Histologic Classification Could Aid Prognosis in Lung Adenocarcinoma

August 10, 2015

New classification guidelines for histologic subtypes of stage I lung adenocarcinoma offer prognostic value, according to a recent study.

New classification guidelines for histologic subtypes of stage I lung adenocarcinoma offer prognostic value, according to a new study. Solid-predominant subtype was associated with an increased risk of early recurrence and post-recurrence survival.

“The new International Association for the Study of Lung Cancer, American Thoracic Society, and European Respiratory Society (IASLC/ATS/ERS) classification characterizes lung adenocarcinoma as a heterogeneous mixture of histologic subtypes, with the predominant histologic subtype able to stratify recurrence-free survival,” wrote study authors led by Prasad S. Adusumilli, MD, of Memorial Sloan Kettering Cancer Center in New York. The new study was designed to assess the prognostic utility of this classification.

The classification guidelines group tumors into adenocarcinoma in situ, minimally invasive adenocarcinoma, and invasive adenocarcinoma, which is then subdivided into lepidic-predominant, acinar-predominant, papillary-predominant, micropapillary-predominant, solid-predominant, colloid-predominant, and invasive mucinous carcinoma. Using those categories, tumors were given an architectural grade of low, medium, or high.

The study included a total of 1,120 patients with resected stage I lung adenocarcinoma. During a median follow-up of 60 months, 188 patients (17%) experienced recurrence; at the end of the study period, 308 of the patients had died and 103 of the patients with recurrence died as a result of lung cancer. Results were published in the Journal of Clinical Oncology.

Patients with solid-predominant tumors had the highest risk of recurrence. Those patients had a recurrence risk of 75% within 2 years compared with 51% in nonsolid tumors (P = .007). They also had more extrathoracic recurrences (77% vs 37%; P < .001) and more multisite recurrences (47% vs 26%; P = .011).
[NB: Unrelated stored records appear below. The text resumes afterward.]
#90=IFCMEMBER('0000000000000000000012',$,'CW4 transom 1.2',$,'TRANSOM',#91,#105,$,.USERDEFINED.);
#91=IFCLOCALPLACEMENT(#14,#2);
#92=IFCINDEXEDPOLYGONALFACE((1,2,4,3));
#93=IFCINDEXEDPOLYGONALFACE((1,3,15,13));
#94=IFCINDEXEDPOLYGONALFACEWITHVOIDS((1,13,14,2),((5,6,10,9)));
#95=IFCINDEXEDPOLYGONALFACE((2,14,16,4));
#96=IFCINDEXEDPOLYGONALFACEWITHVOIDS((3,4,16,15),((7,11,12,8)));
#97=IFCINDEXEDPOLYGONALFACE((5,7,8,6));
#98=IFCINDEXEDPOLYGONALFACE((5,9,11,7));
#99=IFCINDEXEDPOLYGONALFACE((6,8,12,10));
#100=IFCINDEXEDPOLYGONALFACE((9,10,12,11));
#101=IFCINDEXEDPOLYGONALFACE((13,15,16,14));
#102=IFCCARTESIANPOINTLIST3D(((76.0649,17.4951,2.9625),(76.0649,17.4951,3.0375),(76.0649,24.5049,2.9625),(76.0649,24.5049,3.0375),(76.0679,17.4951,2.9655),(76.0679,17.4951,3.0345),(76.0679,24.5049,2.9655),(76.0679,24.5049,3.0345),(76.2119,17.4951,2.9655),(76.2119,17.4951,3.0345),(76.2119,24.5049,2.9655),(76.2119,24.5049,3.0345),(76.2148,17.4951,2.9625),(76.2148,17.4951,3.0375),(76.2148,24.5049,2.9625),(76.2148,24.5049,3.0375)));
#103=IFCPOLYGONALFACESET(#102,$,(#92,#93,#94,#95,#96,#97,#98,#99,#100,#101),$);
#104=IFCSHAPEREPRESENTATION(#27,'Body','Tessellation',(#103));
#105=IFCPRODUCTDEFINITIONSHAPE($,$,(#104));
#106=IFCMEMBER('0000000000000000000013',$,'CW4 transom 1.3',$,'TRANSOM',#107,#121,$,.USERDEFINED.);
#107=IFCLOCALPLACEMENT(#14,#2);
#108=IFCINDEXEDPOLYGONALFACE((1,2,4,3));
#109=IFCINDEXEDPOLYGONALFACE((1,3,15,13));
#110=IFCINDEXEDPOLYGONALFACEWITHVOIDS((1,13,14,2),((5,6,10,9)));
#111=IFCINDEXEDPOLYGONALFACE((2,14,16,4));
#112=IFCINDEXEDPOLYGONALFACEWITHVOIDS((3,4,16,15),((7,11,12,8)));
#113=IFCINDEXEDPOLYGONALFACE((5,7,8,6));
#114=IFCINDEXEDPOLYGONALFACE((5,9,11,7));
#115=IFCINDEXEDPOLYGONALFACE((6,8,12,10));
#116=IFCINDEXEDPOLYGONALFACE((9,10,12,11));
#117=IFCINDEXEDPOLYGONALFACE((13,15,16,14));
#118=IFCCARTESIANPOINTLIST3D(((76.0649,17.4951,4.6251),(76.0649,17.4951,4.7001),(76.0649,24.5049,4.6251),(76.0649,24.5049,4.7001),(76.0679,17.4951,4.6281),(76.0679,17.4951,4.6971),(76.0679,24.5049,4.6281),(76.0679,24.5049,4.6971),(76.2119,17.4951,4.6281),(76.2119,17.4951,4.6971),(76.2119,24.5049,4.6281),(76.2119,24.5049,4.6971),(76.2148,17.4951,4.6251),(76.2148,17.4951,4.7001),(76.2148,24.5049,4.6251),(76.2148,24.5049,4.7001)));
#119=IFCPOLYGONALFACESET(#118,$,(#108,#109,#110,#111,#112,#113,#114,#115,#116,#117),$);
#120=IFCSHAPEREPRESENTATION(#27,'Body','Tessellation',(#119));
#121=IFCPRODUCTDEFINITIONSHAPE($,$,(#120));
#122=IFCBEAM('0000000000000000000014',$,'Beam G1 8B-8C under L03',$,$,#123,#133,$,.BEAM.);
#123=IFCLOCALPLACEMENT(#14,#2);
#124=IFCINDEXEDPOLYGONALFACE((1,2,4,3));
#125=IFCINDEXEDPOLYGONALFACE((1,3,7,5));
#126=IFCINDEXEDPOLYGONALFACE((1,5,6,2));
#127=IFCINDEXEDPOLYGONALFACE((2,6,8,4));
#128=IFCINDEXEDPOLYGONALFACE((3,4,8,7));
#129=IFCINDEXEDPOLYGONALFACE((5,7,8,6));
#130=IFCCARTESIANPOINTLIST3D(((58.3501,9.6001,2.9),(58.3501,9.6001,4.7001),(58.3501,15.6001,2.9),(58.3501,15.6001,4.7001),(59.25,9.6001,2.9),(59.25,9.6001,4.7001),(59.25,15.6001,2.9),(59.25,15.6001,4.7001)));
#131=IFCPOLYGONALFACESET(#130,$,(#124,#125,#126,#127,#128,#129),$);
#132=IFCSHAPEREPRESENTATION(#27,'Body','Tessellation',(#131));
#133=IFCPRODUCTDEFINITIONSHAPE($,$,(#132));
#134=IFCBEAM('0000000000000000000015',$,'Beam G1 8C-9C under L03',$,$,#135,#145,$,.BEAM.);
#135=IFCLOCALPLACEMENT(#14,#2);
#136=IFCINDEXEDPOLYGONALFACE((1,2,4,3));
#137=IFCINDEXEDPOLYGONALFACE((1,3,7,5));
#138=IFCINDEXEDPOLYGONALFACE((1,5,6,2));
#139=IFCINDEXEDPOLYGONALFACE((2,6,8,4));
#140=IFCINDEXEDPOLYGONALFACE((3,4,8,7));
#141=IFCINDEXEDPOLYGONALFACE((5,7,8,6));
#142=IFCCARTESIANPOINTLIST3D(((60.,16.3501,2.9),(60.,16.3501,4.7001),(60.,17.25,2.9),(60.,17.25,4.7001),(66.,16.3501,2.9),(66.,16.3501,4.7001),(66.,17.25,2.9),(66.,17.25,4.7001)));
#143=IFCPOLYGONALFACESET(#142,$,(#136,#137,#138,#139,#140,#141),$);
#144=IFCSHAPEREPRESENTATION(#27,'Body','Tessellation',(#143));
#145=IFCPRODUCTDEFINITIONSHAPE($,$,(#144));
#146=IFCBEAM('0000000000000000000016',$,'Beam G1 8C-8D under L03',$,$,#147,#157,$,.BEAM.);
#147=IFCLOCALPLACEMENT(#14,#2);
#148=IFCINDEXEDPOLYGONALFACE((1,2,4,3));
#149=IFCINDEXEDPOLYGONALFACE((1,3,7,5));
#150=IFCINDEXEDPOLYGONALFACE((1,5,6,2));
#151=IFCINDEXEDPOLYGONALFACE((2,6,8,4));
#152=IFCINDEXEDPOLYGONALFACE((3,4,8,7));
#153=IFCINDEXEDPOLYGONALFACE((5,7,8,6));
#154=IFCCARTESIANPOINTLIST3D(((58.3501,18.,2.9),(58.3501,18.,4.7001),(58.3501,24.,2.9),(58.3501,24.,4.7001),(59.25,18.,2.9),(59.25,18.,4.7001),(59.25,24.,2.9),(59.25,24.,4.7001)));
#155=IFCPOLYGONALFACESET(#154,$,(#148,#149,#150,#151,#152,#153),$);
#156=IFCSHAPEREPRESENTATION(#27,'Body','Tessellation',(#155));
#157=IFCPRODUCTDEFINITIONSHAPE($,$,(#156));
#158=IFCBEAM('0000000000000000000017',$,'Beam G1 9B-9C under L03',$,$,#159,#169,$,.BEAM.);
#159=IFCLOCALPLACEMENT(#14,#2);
Among those patients who experienced recurrence, the 2-year post-recurrence survival rate was 45%, with a median of 26.1 months. On multivariate analysis among patients who recurred, solid-predominant histologic pattern yielded a worse post-recurrence survival, with a hazard ratio (HR) of 1.76 (P = .016). Age older than 65 years was also a significant predictor, with an HR of 1.63 (P = .01), as was sublobar resection, with an HR of 1.6 (P = .01).

The authors concluded that the IASLC/ATS/ERS classification system “can be readily implemented in the treatment of patients with early-stage lung adenocarcinoma,” and that the finding that solid-predominant tumors are associated with poorer outcomes “underlines the need to investigate adjuvant therapeutic strategies for these patients.”